The Constitution should be Enforceable by Citizens
A suggestion for aMending America
My vision of the constitution of a democratic country is a contract. It is firstly a contract between the citizens of that country to grant to each other certain rights in return for surrendering certain of what might be considered rights. It is secondly a contract between the citizens of the country, on the one hand, and the government of that country, and those persons who make up the government. The first contract is even-handed and symmetric; each citizens gives to every other citizen what he gets back from every other citizen. The second part is asymmetric; it is an employment contract in which the people as a whole chose to employ a much smaller number of people as their government. The government has no rights and no power except that which the people choose to give it and only for as long as the people choose to give it.
Therefore the paramount requirement, without which nothing else in the constitution has any value, is that the contract is enforceable. Always and without exception. And it enforceable by the people who agreed to it – the people.
In the past decade, legal tricks have been used to prevent citizens from holding the government accountable to the constitution. For example, even though everyone knew that the government were holding people without trial, you cannot bring suit against the government because, according current jurisprudence, you don’t have standing. You don’t have the right to prevent the government from unconstitutionally harming other citizens. Another example was unconstitutional warrantless wire-tapping. Even though it has (eventually) openly admitted that it was happening, nobody had standing to complain as long as the government kept it secret exactly who was being wire. The government can spy upon everyone in the country, but no one can bring action in court unless they can prove that they are being spied upon. Unlike normal civil cases where a plaintiff can engage in discovery to establish proof of what they suspect to be true, the plaintiff against the government in this particular was required to prove before discovery that they were the target of illegal government spying. These are end-runs around the enforceability of the constitution.

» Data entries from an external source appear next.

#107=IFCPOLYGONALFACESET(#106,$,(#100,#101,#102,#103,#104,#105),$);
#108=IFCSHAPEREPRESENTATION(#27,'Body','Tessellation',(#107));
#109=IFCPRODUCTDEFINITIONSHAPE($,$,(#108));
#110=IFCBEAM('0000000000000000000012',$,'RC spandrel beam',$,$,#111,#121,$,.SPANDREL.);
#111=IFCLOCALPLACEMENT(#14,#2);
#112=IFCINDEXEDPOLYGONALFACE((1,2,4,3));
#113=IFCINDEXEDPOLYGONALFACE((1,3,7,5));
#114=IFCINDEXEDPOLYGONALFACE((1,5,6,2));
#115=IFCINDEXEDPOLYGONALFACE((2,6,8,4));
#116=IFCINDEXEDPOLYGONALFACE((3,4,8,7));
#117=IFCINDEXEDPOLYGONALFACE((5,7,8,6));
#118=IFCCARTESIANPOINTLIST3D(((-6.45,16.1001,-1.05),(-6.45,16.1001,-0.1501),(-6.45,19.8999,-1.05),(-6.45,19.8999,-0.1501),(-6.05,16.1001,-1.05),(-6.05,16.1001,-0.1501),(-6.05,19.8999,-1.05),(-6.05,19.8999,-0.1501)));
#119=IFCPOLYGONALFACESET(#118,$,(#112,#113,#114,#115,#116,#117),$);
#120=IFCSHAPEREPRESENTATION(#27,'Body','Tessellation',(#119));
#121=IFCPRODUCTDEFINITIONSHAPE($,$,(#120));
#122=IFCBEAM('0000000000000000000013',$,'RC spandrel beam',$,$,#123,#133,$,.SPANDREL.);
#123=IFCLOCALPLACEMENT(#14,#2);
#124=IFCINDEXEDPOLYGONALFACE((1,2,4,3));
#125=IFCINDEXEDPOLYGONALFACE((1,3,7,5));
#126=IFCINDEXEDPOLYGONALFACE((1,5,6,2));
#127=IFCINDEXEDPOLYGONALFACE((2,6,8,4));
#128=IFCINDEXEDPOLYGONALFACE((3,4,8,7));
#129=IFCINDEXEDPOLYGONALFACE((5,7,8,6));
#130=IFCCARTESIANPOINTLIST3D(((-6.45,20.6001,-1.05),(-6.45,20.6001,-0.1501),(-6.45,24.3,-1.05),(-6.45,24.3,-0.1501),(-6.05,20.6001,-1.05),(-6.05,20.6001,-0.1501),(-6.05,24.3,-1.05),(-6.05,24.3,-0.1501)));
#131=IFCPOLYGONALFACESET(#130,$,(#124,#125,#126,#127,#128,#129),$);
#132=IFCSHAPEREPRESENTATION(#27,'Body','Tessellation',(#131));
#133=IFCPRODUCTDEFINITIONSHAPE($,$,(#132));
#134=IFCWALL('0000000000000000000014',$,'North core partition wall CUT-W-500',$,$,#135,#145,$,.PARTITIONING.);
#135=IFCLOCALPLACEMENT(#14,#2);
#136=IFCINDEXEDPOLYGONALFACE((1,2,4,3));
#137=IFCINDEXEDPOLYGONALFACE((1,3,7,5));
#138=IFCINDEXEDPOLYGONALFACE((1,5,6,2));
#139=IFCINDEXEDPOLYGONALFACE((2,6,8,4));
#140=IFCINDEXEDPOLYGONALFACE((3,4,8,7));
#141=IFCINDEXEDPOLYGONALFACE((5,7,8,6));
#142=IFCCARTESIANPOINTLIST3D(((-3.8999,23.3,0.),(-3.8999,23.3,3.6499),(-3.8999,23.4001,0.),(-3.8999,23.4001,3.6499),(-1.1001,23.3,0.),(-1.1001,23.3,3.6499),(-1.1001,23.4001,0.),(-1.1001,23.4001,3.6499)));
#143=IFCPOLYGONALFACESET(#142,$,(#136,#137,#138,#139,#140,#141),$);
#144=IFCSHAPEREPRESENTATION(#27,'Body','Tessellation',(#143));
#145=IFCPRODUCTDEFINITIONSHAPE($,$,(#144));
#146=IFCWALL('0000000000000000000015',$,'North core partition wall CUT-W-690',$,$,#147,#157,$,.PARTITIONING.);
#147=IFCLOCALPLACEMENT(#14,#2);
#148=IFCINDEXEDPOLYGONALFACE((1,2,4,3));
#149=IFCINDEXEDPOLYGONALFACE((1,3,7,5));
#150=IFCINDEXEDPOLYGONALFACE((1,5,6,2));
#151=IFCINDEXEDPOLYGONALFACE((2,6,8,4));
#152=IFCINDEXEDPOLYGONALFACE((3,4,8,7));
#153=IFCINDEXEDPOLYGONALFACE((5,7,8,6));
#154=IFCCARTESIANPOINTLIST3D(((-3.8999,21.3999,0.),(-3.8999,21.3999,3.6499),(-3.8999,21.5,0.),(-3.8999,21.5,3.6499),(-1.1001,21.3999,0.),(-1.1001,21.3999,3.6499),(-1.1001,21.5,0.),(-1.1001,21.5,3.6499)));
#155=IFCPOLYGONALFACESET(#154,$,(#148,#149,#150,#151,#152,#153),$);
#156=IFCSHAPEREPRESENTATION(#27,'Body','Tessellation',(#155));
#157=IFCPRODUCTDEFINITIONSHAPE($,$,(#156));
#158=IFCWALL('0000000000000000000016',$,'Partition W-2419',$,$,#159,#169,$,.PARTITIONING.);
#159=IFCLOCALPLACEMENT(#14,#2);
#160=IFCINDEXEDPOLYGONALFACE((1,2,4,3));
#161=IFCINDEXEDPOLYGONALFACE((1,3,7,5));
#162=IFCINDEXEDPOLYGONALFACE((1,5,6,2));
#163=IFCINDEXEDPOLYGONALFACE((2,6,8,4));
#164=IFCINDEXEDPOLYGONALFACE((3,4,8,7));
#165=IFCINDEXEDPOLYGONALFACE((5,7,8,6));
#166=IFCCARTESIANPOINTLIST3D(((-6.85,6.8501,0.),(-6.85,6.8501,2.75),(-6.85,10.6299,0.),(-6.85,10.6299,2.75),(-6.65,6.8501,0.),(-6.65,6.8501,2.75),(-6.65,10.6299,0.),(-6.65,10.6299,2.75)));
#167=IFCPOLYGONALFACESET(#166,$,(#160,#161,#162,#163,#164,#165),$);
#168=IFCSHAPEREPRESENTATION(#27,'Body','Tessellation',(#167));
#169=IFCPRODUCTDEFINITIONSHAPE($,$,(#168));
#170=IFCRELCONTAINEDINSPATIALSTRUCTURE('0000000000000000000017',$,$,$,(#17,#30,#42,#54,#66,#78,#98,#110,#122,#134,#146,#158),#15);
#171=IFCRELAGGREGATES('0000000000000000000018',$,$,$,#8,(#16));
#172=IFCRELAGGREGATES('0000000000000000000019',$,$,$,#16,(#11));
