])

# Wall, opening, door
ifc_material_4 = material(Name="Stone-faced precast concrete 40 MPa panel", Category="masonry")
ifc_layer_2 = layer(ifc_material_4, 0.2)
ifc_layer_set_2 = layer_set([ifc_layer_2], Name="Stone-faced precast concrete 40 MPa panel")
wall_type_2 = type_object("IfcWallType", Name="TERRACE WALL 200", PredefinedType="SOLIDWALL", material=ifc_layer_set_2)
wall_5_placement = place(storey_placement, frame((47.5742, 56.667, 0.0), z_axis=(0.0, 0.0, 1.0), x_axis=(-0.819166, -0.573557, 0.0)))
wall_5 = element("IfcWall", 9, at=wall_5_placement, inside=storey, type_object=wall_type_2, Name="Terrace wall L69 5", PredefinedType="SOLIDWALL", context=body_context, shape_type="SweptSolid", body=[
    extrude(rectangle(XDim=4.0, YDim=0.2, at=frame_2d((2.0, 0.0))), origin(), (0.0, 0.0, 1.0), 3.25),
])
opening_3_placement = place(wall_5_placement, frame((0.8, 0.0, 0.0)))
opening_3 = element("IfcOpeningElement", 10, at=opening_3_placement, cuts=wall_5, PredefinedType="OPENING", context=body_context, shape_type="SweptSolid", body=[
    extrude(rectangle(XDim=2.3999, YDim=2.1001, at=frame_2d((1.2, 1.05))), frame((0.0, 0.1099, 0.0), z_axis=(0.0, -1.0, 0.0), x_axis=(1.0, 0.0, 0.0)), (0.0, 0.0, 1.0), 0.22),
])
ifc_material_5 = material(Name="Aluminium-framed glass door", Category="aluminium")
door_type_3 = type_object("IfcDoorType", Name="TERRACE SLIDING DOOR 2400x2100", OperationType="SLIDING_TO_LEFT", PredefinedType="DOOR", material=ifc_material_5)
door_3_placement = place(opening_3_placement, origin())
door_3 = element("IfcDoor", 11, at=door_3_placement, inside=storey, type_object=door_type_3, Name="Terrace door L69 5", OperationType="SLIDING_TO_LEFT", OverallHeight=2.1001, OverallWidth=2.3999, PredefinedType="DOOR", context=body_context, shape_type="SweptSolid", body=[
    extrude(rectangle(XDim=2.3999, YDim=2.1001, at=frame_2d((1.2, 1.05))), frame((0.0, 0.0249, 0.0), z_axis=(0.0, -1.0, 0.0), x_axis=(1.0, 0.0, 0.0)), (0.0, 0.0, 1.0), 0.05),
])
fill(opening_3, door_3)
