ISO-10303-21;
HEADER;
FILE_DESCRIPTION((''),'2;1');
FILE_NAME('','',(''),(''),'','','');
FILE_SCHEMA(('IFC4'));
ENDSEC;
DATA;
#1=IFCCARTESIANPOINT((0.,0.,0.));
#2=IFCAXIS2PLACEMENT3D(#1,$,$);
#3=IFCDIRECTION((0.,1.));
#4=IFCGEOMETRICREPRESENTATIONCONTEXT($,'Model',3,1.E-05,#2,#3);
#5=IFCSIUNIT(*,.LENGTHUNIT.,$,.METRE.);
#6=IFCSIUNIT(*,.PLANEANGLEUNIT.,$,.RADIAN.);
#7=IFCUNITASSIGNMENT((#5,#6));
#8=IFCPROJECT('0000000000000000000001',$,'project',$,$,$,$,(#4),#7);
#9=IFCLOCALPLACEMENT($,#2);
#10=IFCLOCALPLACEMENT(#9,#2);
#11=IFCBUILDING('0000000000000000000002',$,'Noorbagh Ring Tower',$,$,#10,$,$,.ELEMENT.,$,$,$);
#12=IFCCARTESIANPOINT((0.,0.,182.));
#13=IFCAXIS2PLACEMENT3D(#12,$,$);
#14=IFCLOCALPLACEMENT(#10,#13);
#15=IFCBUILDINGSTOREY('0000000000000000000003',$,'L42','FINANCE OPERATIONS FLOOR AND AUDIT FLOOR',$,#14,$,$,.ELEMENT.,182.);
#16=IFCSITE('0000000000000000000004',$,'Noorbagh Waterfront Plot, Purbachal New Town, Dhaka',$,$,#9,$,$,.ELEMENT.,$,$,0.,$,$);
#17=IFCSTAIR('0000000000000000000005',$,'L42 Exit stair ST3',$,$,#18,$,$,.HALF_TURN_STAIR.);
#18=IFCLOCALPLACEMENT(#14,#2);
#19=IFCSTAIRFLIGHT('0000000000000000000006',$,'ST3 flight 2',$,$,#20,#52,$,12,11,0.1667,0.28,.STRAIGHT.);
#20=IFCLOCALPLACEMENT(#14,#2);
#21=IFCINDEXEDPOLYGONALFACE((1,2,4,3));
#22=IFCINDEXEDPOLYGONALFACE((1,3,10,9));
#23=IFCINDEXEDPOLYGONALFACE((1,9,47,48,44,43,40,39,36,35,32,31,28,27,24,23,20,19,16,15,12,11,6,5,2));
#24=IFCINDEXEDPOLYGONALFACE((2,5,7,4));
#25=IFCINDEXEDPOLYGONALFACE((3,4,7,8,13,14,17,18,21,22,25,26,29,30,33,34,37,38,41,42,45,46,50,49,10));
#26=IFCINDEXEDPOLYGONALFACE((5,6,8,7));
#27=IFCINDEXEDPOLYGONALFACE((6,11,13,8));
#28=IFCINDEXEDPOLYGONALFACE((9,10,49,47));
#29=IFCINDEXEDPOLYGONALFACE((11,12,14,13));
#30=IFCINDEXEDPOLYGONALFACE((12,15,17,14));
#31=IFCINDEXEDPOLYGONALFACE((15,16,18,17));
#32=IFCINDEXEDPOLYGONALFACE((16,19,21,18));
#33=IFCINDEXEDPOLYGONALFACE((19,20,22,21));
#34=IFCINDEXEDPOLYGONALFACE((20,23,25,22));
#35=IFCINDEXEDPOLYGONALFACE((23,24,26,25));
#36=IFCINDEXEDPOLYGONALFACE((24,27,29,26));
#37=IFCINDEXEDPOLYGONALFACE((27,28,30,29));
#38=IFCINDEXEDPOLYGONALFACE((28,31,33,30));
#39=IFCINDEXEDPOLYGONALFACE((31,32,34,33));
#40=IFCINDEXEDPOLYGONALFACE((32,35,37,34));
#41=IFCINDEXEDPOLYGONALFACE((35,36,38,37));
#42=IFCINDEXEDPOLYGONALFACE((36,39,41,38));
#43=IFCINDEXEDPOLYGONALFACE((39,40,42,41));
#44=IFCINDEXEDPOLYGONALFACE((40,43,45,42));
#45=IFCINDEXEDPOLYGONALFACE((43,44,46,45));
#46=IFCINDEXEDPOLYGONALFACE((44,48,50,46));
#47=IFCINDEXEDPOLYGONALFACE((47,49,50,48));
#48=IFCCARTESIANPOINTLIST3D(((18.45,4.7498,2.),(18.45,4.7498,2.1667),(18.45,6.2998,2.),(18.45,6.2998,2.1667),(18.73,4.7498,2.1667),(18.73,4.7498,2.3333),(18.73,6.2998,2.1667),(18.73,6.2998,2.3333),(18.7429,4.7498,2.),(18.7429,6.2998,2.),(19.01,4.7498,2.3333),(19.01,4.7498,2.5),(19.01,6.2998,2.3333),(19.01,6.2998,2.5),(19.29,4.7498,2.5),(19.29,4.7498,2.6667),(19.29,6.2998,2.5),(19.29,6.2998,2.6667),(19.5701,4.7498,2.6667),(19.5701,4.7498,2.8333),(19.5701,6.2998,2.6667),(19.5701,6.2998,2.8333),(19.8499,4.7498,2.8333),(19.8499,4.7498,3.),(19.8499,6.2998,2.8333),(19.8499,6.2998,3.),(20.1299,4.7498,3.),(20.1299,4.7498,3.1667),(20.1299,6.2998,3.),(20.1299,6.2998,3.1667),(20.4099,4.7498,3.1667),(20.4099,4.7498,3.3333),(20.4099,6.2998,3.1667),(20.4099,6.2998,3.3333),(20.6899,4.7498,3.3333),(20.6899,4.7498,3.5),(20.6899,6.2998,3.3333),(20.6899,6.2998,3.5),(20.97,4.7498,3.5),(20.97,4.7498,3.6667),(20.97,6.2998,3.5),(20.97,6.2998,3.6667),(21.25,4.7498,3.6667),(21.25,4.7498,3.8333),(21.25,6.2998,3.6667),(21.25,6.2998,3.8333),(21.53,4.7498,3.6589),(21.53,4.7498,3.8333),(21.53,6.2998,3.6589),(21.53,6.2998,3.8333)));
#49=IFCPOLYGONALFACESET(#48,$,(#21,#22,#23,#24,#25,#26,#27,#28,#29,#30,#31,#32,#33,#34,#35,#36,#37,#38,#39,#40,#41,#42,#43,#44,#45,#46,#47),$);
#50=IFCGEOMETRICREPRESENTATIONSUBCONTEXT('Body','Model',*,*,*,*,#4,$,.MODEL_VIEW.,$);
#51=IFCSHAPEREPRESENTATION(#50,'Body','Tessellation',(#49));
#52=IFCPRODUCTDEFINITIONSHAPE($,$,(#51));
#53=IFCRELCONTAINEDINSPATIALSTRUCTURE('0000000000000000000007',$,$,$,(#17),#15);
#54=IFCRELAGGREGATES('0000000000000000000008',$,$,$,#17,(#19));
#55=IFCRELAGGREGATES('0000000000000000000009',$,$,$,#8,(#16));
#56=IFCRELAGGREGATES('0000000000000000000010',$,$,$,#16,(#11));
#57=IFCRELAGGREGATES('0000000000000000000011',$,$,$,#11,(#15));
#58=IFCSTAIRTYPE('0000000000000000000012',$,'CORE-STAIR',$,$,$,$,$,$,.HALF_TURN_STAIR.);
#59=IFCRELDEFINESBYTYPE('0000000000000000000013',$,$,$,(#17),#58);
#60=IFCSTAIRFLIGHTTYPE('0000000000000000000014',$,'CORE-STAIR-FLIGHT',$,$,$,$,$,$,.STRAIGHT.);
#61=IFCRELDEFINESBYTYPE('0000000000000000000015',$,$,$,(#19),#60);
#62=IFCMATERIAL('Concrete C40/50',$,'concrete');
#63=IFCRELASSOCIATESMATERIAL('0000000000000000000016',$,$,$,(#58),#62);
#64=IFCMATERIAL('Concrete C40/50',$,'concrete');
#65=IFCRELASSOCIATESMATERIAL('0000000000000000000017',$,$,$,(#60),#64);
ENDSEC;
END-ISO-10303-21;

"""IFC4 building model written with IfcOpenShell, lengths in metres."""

from ifc_helpers import new_model, si_unit, direction, frame, origin, place, context, subcontext, project, spatial, polyline, outline, extrude, material, type_object, element, aggregate, save


model = new_model("IFC4")

# Units and contexts
model_context = context("Model", 3, precision=1e-05, world=origin(), true_north=direction((0.0, 1.0)))
body_context = subcontext(model_context, "Body", "Model", "MODEL_VIEW")
ifc_project = project(units=[si_unit("LENGTHUNIT", "METRE"), si_unit("PLANEANGLEUNIT", "RADIAN")], contexts=[model_context])

# Site, building, storey
site_placement = place(None, origin())
site = spatial("IfcSite", under=ifc_project, at=site_placement, Name="Noorbagh Waterfront Plot, Purbachal New Town, Dhaka", CompositionType="ELEMENT", RefElevation=0.0)
building_placement = place(site_placement, origin())
building = spatial("IfcBuilding", under=site, at=building_placement, Name="Noorbagh Ring Tower", CompositionType="ELEMENT")
storey_placement = place(building_placement, frame((0.0, 0.0, 182.0)))
storey = spatial("IfcBuildingStorey", under=building, at=storey_placement, Name="L42", Description="FINANCE OPERATIONS FLOOR AND AUDIT FLOOR", CompositionType="ELEMENT", Elevation=182.0)

# Stair, stair flight
ifc_material_1 = material(Name="Concrete C40/50", Category="concrete")
stair_type = type_object("IfcStairType", Name="CORE-STAIR", PredefinedType="HALF_TURN_STAIR", material=ifc_material_1)
stair_placement = place(storey_placement, origin())
stair = element("IfcStair", 1, at=stair_placement, inside=storey, type_object=stair_type, Name="L42 Exit stair ST3", PredefinedType="HALF_TURN_STAIR")
ifc_material_2 = material(Name="Concrete C40/50", Category="concrete")
stair_flight_type = type_object("IfcStairFlightType", Name="CORE-STAIR-FLIGHT", PredefinedType="STRAIGHT", material=ifc_material_2)
stair_flight_placement = place(storey_placement, frame((18.45, 5.5249, 2.0), z_axis=(0.0, 0.0, 1.0), x_axis=(1.0, 0.0, 0.0)))
stair_flight = element("IfcStairFlight", 2, at=stair_flight_placement, type_object=stair_flight_type, Name="ST3 flight 2", NumberOfRisers=12, NumberOfTreads=11, PredefinedType="STRAIGHT", RiserHeight=0.1667, TreadLength=0.28, context=body_context, shape_type="SweptSolid", body=[
    extrude(outline(polyline([(0.0, 0.0), (0.0, 0.1667), (0.28, 0.1667), (0.28, 0.3333), (0.5601, 0.3333), (0.5601, 0.5), (0.8401, 0.5), (0.8401, 0.6667), (1.1201, 0.6667), (1.1201, 0.8333), (1.3999, 0.8333), (1.3999, 1.0), (1.6799, 1.0), (1.6799, 1.1667), (1.96, 1.1667), (1.96, 1.3333), (2.24, 1.3333), (2.24, 1.5), (2.52, 1.5), (2.52, 1.6667), (2.8, 1.6667), (2.8, 1.8333), (3.0801, 1.8333), (3.0801, 2.0), (3.0801, 1.6589), (0.293, 0.0), (0.0, 0.0)])), frame((0.0, 0.7749, 0.0), z_axis=(0.0, -1.0, 0.0), x_axis=(1.0, 0.0, 0.0)), (0.0, 0.0, 1.0), 1.55),
])
aggregate(stair, [stair_flight])

save(model, "model.ifc")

I believe it should be the right, and possibly the duty, of citizens to hold the government accountability even if, and perhaps, especially if it is other persons being harmed.
Because each and every citizen is harmed and government for the people endangered when the government or anyone acting as an agent for the government fails to act in accordance with the constitution, each citizen of the United States shall have the right to sue the government for failure to act clearly within the limitations and powers granted by the constitution, without regard to their personal injury or otherwise as a result of the unconstitutional action or inaction.